Not surprisingly, fingers were pointed at the media landscape that operated in fear and under the shadow of anti-terrorist legislation that was used to charge and jail bloggers and journalists. That is one of the critical issues raised in demanding that the media be set “free.”
The media should be transformed to such a level that it can hold the state accountable when necessary. The thinking was that if the authoritarian government reforms laws that are constraining free public expressions of opinions, and content can be aired without fear of state retribution, then the ground for an independent and professional media would have been laid.

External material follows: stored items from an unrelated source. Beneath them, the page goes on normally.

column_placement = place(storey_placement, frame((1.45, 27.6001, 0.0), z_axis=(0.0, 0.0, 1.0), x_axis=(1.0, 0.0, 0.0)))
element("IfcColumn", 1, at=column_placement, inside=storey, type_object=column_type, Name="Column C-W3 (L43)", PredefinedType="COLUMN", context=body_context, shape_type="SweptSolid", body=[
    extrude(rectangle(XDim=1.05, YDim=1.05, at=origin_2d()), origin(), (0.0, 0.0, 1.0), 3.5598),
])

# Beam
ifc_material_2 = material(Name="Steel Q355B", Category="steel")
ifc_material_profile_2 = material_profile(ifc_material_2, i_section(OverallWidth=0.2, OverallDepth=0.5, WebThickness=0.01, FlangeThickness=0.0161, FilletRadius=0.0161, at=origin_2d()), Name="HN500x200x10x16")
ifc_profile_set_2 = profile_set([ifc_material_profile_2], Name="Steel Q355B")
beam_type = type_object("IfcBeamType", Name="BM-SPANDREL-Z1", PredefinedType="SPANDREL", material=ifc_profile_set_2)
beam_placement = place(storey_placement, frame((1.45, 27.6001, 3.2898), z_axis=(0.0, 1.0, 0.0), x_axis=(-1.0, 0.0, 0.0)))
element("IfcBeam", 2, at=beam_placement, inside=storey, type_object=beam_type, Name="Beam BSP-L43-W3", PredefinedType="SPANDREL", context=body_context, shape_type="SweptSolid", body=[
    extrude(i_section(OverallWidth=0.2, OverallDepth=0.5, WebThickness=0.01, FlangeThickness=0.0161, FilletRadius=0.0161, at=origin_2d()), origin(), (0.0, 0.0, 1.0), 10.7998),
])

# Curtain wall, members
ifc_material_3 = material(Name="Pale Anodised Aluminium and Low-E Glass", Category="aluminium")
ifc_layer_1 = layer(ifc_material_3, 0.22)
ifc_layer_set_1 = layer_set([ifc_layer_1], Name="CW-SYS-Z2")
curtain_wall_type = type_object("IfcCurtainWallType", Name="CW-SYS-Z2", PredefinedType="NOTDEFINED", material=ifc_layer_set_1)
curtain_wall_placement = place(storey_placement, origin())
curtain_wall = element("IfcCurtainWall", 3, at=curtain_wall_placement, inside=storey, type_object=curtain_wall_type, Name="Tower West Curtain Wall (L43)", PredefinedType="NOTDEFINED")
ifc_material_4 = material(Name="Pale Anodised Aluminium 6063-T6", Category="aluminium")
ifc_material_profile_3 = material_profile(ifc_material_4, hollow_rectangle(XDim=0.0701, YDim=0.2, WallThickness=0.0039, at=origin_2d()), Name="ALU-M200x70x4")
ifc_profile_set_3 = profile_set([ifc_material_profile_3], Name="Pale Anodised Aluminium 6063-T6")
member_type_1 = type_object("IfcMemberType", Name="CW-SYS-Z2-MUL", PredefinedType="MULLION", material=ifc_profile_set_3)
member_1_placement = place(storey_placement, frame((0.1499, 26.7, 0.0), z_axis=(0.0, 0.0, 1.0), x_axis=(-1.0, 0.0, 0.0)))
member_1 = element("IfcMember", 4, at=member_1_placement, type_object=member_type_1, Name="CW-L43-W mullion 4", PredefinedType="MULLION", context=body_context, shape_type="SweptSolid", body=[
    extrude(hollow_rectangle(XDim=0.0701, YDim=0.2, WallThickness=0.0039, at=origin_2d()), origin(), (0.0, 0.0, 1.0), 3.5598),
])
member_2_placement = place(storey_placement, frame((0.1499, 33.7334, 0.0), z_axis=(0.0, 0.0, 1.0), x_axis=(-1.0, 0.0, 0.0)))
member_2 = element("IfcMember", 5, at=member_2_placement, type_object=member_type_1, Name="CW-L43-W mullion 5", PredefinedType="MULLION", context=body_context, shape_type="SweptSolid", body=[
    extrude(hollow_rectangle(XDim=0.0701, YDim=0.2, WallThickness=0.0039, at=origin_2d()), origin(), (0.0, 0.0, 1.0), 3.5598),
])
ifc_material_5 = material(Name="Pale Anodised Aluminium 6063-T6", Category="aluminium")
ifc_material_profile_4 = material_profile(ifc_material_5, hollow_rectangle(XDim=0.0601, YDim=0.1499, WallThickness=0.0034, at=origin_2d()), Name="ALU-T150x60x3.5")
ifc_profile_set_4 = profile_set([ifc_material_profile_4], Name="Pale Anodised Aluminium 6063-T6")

The thinking went that it would only be a matter of time before competition weeds out the riffraff and the public selects media houses that commit themselves to professionalism. The feedback loop would take care of the rest encouraging the media industry as a whole to strive for best practices, integrity and credibility in the eyes of the public.

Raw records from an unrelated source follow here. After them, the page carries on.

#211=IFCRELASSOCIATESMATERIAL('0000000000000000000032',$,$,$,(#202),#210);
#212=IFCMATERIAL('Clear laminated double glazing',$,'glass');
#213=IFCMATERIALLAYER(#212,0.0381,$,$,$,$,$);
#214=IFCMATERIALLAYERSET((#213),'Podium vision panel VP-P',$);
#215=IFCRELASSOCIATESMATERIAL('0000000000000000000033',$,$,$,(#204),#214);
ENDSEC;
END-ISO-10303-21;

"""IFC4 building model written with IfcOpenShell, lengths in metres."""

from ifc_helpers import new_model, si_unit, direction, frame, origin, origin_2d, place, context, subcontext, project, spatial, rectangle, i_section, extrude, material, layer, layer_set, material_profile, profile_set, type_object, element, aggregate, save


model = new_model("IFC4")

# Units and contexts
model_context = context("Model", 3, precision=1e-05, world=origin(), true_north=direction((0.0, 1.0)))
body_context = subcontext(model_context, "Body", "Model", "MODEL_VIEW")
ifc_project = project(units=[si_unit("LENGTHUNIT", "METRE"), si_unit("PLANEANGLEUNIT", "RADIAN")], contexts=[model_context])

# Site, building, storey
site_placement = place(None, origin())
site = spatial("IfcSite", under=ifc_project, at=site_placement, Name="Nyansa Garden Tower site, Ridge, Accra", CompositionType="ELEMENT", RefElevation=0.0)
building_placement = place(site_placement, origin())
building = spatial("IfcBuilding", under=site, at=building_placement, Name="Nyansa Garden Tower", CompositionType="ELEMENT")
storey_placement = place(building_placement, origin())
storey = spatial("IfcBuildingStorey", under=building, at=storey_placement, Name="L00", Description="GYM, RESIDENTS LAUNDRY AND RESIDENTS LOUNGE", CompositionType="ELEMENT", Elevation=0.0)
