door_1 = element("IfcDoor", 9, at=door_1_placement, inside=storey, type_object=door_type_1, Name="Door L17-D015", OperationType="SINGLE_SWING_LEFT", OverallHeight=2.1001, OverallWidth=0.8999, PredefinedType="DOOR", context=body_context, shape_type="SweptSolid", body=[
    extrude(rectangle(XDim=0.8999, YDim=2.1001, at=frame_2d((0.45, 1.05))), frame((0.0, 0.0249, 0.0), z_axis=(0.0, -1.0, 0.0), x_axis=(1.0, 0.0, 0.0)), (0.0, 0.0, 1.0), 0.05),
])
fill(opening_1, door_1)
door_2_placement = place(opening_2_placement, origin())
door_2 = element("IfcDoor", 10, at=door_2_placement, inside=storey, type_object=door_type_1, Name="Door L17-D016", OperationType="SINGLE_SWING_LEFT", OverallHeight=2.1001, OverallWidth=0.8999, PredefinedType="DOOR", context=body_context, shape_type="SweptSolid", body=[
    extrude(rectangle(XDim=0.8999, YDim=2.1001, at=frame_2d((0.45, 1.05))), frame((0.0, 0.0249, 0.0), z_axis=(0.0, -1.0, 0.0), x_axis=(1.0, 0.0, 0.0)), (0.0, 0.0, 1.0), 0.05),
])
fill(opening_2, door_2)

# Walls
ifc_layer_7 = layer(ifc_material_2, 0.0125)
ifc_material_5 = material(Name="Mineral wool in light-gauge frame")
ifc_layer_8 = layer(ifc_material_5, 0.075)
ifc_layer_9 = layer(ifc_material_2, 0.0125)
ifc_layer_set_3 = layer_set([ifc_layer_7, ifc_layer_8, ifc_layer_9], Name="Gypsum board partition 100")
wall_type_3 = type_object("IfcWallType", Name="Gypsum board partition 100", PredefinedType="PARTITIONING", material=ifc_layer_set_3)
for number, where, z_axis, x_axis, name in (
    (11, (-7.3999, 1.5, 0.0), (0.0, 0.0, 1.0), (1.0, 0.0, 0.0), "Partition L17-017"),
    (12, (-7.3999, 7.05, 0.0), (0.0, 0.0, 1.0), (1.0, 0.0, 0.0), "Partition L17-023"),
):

Prime Minister Abiy Ahmed (PhD) deserves credit for being able to stand for an open media landscape. Newspapers and magazines, at least in number, have mushroomed as have private broadcasters. The private media has been aggressive and assertive in content production. Dissident media houses designated before as “instruments of subversive forces” are now operating freely inside Ethiopia and the anti-terrorism and media laws are undergoing revisions. Judging by the presentation the working group on media law reforms held last week in Elilly Hotel, things are going reasonably well, a cause for optimism.
This is no small feat for an administration governing under close international and domestic scrutiny.

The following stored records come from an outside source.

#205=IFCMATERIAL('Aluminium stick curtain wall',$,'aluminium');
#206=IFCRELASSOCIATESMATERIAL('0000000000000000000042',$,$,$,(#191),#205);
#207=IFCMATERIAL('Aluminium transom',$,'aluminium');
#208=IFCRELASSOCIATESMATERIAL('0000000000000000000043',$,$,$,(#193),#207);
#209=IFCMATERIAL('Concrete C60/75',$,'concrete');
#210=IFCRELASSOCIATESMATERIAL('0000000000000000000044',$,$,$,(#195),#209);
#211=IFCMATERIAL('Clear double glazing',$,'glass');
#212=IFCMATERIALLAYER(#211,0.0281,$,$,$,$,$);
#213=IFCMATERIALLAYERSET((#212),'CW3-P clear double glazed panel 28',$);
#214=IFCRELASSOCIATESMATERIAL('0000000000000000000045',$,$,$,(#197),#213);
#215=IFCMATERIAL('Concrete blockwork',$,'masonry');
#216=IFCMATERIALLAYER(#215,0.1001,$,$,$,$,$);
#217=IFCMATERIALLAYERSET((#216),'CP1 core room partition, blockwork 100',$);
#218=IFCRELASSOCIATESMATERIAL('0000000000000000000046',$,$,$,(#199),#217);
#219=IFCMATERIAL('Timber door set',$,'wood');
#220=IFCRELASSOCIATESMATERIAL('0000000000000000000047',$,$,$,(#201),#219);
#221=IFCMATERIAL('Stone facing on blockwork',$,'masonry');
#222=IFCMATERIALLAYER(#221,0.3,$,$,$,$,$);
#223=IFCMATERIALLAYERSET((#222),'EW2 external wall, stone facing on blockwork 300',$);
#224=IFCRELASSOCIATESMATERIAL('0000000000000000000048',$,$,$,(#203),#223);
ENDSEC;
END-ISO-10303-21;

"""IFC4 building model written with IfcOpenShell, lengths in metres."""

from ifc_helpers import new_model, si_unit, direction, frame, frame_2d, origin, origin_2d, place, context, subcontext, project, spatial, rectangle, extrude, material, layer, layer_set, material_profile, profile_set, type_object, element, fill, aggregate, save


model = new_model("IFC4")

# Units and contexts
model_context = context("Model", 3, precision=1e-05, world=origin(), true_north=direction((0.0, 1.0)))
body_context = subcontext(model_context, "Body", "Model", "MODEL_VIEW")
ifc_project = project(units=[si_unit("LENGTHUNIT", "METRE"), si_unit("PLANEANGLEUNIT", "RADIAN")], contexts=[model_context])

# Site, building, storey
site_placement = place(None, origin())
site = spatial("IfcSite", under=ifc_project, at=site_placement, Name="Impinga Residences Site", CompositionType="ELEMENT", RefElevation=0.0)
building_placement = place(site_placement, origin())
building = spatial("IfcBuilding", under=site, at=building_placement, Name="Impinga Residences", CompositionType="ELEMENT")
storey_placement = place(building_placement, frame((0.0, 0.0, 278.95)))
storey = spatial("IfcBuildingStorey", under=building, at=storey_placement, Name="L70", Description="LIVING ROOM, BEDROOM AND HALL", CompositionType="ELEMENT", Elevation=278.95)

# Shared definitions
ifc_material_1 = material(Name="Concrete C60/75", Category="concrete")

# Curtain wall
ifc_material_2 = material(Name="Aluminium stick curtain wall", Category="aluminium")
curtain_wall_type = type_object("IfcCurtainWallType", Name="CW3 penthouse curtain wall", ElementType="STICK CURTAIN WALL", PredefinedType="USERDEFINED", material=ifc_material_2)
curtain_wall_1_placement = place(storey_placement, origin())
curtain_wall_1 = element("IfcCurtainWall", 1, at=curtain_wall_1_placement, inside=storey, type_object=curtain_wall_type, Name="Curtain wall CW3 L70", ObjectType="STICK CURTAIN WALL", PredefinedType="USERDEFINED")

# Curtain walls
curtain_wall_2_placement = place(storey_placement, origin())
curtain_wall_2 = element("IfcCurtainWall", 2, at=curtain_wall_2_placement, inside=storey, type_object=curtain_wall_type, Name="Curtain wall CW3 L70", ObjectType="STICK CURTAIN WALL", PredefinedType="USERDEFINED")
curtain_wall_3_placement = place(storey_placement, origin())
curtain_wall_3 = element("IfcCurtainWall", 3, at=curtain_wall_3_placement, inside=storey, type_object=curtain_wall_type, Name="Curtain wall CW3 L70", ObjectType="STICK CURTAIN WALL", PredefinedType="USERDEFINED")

However, a “free media” does not in itself equate to a professional and independent one, a matter that has not been well understood by practitioners in the industry. Many are failing to note that the prevailing problems in the current media arise out of misconceptions of its duties and its relations with power. But, this is not to say that difficulties the industry faces in the legal and financial spheres are non-existent.
Indeed, the industry is faced with a lack of capital, skilled human resources, relevant education and training as well as a bureaucracy that is not used to close examinations. The prescribed solutions for these though merely address the problems but do not test the validity of the “progressive” nature of the industry. Because progressivism cannot be indefinitely secured, it has to be nurtured continuously.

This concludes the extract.